Government Railroads Secrets Bill

The State Secrets Protection Bill (6.12.2013)

The Wall Street Journal
December 5, 2013

Japan’s Government Railroads Controversial Secrets Bill


No amount of heckling, arm flailing, or banging on a committee chairman’s desk could stop the administration of Prime Minister Shinzo Abe railroading a controversial state intelligence bill through a parliamentary debate Thursday.

Agence France-Presse/Getty Images Masaharu Nakagawa, left, chairman of Japanese parliamentary committee, announces the approval of a controversial bill for a new secrecy law on Dec. 5, as lawmakers of opposition parties protest.

In ramming the draft legislation through a special committee on national security, Mr. Abe made abundantly clear he was willing to use the force of greater numbers in his drive to strengthen national security, a tactic he could use again for other parts of his policy agenda.

Just a week after the bill was sent to the upper house of Japan’s parliament for discussion after its passage in the lower house, a vote in the upper chamber is all the bill needs for enactment. Debate by the committee was cut short by Mr. Abe’s Liberal Democratic Party-led coalition, leaving opposition members crowding around the committee chairman’s desk in uproar.

But having secured a comfortable majority in both parliamentary chambers in national elections over the last year, Mr. Abe has a free hand to pass virtually any bill in parliament. Still, governing parties in Japan are usually careful to work with the opposition to build a consensus to avoid giving the impression of a kind of tyranny of majority rule.
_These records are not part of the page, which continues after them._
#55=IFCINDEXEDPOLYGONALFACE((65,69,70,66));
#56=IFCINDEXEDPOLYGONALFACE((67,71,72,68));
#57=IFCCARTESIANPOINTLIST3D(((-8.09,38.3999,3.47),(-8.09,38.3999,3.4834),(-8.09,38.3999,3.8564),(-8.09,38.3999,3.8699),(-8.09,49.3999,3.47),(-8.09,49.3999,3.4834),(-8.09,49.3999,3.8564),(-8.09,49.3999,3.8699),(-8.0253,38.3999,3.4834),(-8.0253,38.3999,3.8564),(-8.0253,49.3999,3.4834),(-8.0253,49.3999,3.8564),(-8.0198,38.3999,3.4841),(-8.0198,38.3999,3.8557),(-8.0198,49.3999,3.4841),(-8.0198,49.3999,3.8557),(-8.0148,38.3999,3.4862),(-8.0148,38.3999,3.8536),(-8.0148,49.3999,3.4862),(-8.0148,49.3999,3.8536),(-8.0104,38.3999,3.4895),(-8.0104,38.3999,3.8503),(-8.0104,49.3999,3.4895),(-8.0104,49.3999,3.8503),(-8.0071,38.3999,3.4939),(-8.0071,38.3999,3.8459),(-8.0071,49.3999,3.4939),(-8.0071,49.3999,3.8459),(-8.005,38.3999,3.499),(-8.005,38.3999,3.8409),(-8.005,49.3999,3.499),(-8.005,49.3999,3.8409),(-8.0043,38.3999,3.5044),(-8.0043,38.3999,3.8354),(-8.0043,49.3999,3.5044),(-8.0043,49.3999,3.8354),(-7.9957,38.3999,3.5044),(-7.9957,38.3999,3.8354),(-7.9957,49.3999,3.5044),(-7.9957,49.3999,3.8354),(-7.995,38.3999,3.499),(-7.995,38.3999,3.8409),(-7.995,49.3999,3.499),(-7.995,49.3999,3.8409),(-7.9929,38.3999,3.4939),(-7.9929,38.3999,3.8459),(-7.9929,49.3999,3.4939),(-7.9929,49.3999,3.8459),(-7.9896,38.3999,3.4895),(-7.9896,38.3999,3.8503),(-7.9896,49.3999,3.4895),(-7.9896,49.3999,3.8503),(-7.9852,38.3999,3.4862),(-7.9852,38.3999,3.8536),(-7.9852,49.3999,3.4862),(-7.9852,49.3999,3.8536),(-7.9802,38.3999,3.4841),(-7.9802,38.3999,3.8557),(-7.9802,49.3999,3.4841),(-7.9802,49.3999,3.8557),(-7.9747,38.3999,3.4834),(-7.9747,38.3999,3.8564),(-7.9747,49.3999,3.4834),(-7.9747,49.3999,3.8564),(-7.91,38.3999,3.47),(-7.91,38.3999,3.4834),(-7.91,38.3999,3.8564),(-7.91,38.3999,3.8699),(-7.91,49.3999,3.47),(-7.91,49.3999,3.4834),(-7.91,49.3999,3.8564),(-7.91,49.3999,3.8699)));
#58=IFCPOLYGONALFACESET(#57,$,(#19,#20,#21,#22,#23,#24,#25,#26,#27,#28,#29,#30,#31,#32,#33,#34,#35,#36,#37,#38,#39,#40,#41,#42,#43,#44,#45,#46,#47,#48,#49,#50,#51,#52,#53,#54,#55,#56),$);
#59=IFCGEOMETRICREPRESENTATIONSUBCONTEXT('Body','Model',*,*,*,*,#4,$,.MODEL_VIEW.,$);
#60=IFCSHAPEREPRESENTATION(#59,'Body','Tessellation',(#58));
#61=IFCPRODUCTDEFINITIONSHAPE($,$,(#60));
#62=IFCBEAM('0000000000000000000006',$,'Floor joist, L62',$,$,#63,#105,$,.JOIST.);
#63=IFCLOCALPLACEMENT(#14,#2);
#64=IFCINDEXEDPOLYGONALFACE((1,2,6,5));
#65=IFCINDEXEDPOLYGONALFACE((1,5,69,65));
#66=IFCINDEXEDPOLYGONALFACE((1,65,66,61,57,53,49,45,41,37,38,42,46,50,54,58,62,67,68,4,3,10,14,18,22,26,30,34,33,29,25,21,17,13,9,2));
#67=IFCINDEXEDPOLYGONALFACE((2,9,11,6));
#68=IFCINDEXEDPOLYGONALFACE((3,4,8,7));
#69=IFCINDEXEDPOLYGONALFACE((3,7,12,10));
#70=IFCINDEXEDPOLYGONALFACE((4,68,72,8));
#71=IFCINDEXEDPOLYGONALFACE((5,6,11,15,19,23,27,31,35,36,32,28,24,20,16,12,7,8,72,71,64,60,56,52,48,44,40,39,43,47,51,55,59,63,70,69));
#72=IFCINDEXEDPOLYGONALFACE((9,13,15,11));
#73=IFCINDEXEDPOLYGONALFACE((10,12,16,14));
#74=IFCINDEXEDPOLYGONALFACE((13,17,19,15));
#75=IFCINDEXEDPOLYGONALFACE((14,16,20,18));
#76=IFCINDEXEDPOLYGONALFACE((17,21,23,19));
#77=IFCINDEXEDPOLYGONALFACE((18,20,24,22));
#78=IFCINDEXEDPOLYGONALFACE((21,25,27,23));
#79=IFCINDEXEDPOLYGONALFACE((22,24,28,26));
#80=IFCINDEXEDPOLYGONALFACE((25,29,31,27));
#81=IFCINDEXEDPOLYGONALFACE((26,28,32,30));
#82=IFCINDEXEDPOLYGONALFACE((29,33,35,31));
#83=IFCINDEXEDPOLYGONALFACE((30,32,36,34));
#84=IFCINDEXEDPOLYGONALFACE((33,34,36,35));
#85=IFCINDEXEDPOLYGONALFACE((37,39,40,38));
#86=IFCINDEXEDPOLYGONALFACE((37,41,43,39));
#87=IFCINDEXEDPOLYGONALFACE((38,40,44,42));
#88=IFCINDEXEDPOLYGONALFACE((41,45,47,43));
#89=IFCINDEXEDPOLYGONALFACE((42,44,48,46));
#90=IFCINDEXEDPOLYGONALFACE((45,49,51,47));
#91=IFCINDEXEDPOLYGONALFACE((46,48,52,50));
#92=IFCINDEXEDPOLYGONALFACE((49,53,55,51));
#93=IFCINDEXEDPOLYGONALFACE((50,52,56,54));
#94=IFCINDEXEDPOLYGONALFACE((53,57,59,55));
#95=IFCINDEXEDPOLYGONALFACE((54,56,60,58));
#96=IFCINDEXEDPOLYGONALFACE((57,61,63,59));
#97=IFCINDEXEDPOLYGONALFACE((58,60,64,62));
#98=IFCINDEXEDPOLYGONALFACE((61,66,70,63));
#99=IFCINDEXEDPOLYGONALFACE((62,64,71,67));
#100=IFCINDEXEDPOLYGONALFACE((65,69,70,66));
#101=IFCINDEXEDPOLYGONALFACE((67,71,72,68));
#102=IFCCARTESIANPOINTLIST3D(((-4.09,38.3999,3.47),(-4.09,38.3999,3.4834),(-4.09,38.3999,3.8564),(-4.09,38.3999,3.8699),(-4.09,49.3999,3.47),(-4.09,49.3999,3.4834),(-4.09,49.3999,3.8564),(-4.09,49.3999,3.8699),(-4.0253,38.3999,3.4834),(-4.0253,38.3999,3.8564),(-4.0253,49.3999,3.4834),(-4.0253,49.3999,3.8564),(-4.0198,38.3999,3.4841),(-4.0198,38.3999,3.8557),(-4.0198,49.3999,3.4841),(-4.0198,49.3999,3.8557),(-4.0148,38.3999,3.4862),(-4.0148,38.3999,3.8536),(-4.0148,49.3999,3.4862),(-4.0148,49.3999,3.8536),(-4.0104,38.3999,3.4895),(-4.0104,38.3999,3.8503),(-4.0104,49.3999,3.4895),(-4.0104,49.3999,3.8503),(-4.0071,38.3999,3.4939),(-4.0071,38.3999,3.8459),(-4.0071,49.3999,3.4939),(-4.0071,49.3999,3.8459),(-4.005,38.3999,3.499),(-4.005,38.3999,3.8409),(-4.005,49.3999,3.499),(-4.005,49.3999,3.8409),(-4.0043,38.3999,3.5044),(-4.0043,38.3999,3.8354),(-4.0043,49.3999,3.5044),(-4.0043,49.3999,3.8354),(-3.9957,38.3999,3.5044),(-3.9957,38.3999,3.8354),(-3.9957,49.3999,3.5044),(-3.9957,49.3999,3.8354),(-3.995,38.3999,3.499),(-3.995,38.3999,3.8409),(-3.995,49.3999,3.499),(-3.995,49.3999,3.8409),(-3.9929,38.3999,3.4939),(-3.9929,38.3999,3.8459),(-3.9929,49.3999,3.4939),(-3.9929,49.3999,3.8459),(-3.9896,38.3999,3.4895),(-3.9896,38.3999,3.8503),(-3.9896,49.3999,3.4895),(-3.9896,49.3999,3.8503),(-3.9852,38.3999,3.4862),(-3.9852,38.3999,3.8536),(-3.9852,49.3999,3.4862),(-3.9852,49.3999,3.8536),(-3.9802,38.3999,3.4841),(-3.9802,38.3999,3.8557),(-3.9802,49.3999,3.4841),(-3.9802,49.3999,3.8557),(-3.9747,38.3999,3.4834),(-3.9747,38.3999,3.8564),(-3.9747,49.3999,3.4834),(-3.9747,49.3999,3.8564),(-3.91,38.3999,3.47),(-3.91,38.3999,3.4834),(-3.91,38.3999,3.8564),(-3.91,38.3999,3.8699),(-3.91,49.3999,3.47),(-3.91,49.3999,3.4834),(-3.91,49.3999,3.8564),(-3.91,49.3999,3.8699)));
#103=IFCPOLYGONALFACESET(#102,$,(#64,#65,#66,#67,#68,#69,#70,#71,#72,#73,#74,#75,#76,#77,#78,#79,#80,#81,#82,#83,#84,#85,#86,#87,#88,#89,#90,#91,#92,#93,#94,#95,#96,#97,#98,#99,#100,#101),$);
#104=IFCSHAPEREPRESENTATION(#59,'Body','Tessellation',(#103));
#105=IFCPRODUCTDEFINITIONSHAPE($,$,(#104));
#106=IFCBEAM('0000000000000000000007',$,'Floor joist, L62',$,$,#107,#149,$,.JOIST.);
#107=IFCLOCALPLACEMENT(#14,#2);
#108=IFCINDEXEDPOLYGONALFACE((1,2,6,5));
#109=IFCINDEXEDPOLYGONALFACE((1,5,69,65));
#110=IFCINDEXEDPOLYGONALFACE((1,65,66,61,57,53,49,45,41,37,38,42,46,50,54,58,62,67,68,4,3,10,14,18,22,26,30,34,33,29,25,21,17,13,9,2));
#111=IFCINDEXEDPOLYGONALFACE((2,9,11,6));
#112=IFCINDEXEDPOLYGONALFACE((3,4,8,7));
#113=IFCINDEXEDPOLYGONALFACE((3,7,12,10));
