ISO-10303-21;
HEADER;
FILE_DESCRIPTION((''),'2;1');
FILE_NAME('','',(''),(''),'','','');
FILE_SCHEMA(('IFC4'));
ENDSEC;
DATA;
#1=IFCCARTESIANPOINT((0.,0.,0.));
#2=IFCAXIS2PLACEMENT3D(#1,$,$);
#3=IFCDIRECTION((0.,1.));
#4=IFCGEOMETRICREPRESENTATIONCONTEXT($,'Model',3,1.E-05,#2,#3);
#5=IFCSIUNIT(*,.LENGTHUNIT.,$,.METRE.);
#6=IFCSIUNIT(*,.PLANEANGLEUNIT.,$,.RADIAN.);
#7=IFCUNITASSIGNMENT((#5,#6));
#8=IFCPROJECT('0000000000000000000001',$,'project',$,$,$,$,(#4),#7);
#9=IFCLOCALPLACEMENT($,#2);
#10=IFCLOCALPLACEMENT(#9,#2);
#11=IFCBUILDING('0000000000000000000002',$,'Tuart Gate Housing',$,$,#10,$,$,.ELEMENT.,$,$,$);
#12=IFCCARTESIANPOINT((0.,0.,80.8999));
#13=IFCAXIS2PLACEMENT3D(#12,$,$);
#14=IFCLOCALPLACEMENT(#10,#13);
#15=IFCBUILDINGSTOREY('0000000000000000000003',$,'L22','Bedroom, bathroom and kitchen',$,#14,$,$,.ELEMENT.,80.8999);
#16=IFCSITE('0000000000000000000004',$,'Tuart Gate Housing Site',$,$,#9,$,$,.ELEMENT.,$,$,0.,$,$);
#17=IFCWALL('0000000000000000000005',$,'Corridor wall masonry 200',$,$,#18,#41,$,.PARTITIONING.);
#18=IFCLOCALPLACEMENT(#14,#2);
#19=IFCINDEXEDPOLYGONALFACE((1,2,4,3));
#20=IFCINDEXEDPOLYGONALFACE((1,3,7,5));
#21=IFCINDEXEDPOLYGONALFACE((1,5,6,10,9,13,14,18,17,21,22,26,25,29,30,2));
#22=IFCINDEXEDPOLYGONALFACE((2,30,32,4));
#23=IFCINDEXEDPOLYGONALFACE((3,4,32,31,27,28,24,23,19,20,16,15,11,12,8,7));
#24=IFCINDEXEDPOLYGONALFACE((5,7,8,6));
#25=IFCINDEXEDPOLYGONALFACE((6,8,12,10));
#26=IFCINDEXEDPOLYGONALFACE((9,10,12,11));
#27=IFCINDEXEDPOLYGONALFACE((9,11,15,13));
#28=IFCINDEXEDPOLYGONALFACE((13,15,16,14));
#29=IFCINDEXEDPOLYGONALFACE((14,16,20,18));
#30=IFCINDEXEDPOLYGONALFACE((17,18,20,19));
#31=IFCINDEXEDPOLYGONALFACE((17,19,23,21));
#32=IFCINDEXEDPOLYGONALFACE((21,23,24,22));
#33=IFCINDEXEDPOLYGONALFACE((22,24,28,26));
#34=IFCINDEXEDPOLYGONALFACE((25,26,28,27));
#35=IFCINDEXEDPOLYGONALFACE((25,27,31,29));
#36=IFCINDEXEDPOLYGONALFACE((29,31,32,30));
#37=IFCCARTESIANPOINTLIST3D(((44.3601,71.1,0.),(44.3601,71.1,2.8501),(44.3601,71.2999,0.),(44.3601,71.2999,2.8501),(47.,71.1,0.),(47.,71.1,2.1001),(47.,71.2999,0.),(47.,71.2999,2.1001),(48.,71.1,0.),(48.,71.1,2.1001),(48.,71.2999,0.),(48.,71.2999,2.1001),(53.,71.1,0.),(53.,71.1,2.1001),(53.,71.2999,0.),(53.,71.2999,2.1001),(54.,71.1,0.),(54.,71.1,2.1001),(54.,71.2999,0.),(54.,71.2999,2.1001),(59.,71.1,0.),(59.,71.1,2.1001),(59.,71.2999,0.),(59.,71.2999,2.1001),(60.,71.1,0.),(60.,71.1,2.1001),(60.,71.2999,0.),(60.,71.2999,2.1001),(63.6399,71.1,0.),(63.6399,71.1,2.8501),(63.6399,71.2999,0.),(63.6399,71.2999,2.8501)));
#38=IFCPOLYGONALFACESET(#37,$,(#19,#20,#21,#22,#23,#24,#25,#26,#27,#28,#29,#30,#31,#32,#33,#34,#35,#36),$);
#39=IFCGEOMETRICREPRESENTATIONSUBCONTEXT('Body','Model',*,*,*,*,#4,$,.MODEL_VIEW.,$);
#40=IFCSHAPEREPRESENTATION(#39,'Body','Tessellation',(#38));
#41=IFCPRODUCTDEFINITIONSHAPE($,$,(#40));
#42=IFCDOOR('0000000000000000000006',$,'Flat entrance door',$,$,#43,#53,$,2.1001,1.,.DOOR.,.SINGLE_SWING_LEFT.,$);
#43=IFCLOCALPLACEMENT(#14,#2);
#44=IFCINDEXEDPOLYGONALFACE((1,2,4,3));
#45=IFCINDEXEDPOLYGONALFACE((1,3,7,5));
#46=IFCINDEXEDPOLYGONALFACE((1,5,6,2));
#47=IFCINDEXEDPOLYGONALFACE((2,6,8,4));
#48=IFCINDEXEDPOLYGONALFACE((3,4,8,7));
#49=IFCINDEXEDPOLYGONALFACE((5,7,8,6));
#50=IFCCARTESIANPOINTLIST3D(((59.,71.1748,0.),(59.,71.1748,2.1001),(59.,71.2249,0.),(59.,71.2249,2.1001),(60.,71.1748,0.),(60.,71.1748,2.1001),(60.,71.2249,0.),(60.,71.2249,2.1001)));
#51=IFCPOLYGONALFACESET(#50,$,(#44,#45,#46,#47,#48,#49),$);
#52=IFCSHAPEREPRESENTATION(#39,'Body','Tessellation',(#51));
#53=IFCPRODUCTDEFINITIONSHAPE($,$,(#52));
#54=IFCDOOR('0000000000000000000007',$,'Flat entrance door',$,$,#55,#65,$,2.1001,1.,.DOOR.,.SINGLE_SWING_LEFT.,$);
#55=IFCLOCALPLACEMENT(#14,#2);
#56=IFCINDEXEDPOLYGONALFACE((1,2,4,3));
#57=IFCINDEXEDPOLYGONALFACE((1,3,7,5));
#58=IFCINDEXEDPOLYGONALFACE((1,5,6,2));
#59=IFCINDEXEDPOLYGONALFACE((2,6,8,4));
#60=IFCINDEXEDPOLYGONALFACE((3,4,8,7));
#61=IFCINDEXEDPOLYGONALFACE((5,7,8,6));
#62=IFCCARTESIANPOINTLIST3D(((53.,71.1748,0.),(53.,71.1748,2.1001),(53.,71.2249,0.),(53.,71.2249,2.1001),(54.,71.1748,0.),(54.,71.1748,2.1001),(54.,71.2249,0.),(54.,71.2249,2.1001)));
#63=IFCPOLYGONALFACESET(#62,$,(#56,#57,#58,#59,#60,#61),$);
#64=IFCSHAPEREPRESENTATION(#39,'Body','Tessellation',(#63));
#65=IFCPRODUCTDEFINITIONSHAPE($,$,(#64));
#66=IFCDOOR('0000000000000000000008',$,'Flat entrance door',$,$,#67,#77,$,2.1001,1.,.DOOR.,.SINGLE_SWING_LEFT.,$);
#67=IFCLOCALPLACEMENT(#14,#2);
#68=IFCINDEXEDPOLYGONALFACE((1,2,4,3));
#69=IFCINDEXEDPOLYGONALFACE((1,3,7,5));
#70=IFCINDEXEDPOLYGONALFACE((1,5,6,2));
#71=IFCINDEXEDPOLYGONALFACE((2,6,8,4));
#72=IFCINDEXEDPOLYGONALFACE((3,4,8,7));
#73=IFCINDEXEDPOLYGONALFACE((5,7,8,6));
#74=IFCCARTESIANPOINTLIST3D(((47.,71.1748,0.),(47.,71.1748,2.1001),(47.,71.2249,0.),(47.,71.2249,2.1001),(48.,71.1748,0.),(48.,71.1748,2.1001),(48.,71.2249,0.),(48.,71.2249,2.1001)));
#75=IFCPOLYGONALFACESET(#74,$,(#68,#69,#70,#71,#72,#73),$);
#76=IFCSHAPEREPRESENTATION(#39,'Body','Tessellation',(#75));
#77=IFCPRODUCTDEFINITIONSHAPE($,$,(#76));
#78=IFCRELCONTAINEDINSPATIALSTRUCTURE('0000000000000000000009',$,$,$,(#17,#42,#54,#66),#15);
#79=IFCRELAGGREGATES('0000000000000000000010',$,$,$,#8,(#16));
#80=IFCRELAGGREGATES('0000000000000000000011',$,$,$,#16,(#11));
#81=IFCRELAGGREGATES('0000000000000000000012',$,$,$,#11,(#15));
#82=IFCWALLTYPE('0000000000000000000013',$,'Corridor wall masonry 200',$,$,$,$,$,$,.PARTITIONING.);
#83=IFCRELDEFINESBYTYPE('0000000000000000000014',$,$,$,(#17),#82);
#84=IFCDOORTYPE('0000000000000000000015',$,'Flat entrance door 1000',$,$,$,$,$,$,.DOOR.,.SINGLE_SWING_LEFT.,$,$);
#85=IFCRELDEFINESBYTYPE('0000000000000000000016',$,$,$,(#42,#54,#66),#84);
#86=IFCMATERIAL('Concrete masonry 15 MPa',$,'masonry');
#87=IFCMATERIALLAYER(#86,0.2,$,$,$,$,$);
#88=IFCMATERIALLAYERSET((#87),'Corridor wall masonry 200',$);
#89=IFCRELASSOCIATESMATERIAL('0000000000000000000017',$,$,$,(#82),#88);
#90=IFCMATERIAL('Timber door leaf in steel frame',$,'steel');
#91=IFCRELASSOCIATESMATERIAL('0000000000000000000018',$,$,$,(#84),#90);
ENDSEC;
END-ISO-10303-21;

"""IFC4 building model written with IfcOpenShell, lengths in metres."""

from ifc_helpers import new_model, si_unit, direction, frame, frame_2d, origin, place, context, subcontext, project, spatial, rectangle, extrude, material, layer, layer_set, type_object, element, fill, save


model = new_model("IFC4")

# Units and contexts
model_context = context("Model", 3, precision=1e-05, world=origin(), true_north=direction((0.0, 1.0)))
body_context = subcontext(model_context, "Body", "Model", "MODEL_VIEW")
ifc_project = project(units=[si_unit("LENGTHUNIT", "METRE"), si_unit("PLANEANGLEUNIT", "RADIAN")], contexts=[model_context])

# Site, building, storey
site_placement = place(None, origin())
site = spatial("IfcSite", under=ifc_project, at=site_placement, Name="Tuart Gate Housing Site", CompositionType="ELEMENT", RefElevation=0.0)
building_placement = place(site_placement, origin())
building = spatial("IfcBuilding", under=site, at=building_placement, Name="Tuart Gate Housing", CompositionType="ELEMENT")
storey_placement = place(building_placement, frame((0.0, 0.0, 80.8999)))
storey = spatial("IfcBuildingStorey", under=building, at=storey_placement, Name="L22", Description="Bedroom, bathroom and kitchen", CompositionType="ELEMENT", Elevation=80.8999)

# Wall, openings, doors
ifc_material_1 = material(Name="Concrete masonry 15 MPa", Category="masonry")
ifc_layer_1 = layer(ifc_material_1, 0.2)
ifc_layer_set_1 = layer_set([ifc_layer_1], Name="Corridor wall masonry 200")
wall_type_1 = type_object("IfcWallType", Name="Corridor wall masonry 200", PredefinedType="PARTITIONING", material=ifc_layer_set_1)
wall_1_placement = place(storey_placement, frame((44.3601, 71.2, 0.0), z_axis=(0.0, 0.0, 1.0), x_axis=(1.0, 0.0, 0.0)))
wall_1 = element("IfcWall", 1, at=wall_1_placement, inside=storey, type_object=wall_type_1, Name="Corridor wall masonry 200", PredefinedType="PARTITIONING", context=body_context, shape_type="SweptSolid", body=[
    extrude(rectangle(XDim=19.2798, YDim=0.2, at=frame_2d((9.6399, 0.0))), origin(), (0.0, 0.0, 1.0), 2.8501),
])
opening_1_placement = place(wall_1_placement, frame((14.6399, 0.0, 0.0)))
opening_1 = element("IfcOpeningElement", 2, at=opening_1_placement, cuts=wall_1, PredefinedType="OPENING", context=body_context, shape_type="SweptSolid", body=[
    extrude(rectangle(XDim=1.0, YDim=2.1001, at=frame_2d((0.5, 1.05))), frame((0.0, 0.1099, 0.0), z_axis=(0.0, -1.0, 0.0), x_axis=(1.0, 0.0, 0.0)), (0.0, 0.0, 1.0), 0.22),
])
opening_2_placement = place(wall_1_placement, frame((8.6399, 0.0, 0.0)))
opening_2 = element("IfcOpeningElement", 3, at=opening_2_placement, cuts=wall_1, PredefinedType="OPENING", context=body_context, shape_type="SweptSolid", body=[
    extrude(rectangle(XDim=1.0, YDim=2.1001, at=frame_2d((0.5, 1.05))), frame((0.0, 0.1099, 0.0), z_axis=(0.0, -1.0, 0.0), x_axis=(1.0, 0.0, 0.0)), (0.0, 0.0, 1.0), 0.22),
])
opening_3_placement = place(wall_1_placement, frame((2.6399, 0.0, 0.0)))
opening_3 = element("IfcOpeningElement", 4, at=opening_3_placement, cuts=wall_1, PredefinedType="OPENING", context=body_context, shape_type="SweptSolid", body=[
    extrude(rectangle(XDim=1.0, YDim=2.1001, at=frame_2d((0.5, 1.05))), frame((0.0, 0.1099, 0.0), z_axis=(0.0, -1.0, 0.0), x_axis=(1.0, 0.0, 0.0)), (0.0, 0.0, 1.0), 0.22),
])
ifc_material_2 = material(Name="Timber door leaf in steel frame", Category="steel")
door_type_1 = type_object("IfcDoorType", Name="Flat entrance door 1000", OperationType="SINGLE_SWING_LEFT", PredefinedType="DOOR", material=ifc_material_2)
door_1_placement = place(opening_1_placement, origin())
door_1 = element("IfcDoor", 5, at=door_1_placement, inside=storey, type_object=door_type_1, Name="Flat entrance door", OperationType="SINGLE_SWING_LEFT", OverallHeight=2.1001, OverallWidth=1.0, PredefinedType="DOOR", context=body_context, shape_type="SweptSolid", body=[
    extrude(rectangle(XDim=1.0, YDim=2.1001, at=frame_2d((0.5, 1.05))), frame((0.0, 0.0249, 0.0), z_axis=(0.0, -1.0, 0.0), x_axis=(1.0, 0.0, 0.0)), (0.0, 0.0, 1.0), 0.05),
])
fill(opening_1, door_1)
door_2_placement = place(opening_2_placement, origin())
door_2 = element("IfcDoor", 6, at=door_2_placement, inside=storey, type_object=door_type_1, Name="Flat entrance door", OperationType="SINGLE_SWING_LEFT", OverallHeight=2.1001, OverallWidth=1.0, PredefinedType="DOOR", context=body_context, shape_type="SweptSolid", body=[
    extrude(rectangle(XDim=1.0, YDim=2.1001, at=frame_2d((0.5, 1.05))), frame((0.0, 0.0249, 0.0), z_axis=(0.0, -1.0, 0.0), x_axis=(1.0, 0.0, 0.0)), (0.0, 0.0, 1.0), 0.05),
])
fill(opening_2, door_2)
door_3_placement = place(opening_3_placement, origin())
door_3 = element("IfcDoor", 7, at=door_3_placement, inside=storey, type_object=door_type_1, Name="Flat entrance door", OperationType="SINGLE_SWING_LEFT", OverallHeight=2.1001, OverallWidth=1.0, PredefinedType="DOOR", context=body_context, shape_type="SweptSolid", body=[
    extrude(rectangle(XDim=1.0, YDim=2.1001, at=frame_2d((0.5, 1.05))), frame((0.0, 0.0249, 0.0), z_axis=(0.0, -1.0, 0.0), x_axis=(1.0, 0.0, 0.0)), (0.0, 0.0, 1.0), 0.05),
])
fill(opening_3, door_3)

save(model, "model.ifc")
Since the bill is seen by some opponents as strengthening the government’s right to suppress information without clear justification, its forceful passage through the parliamentary system has an additional layer of significance. Civil activists, legal scholars and the media portray the bill as a government infringement on press freedom and the people’s right to information.

“It’s a bill of the bureaucrats, by the bureaucrats, for the bureaucrats to hide information,” opposition Democratic Party of Japan leader Banri Kaieda said Wednesday in parliament, during a debate with Mr. Abe. Public concern over the bill remains strong as it widens the coverage of what constitutes state intelligence and extends the law’s reach to include private citizens.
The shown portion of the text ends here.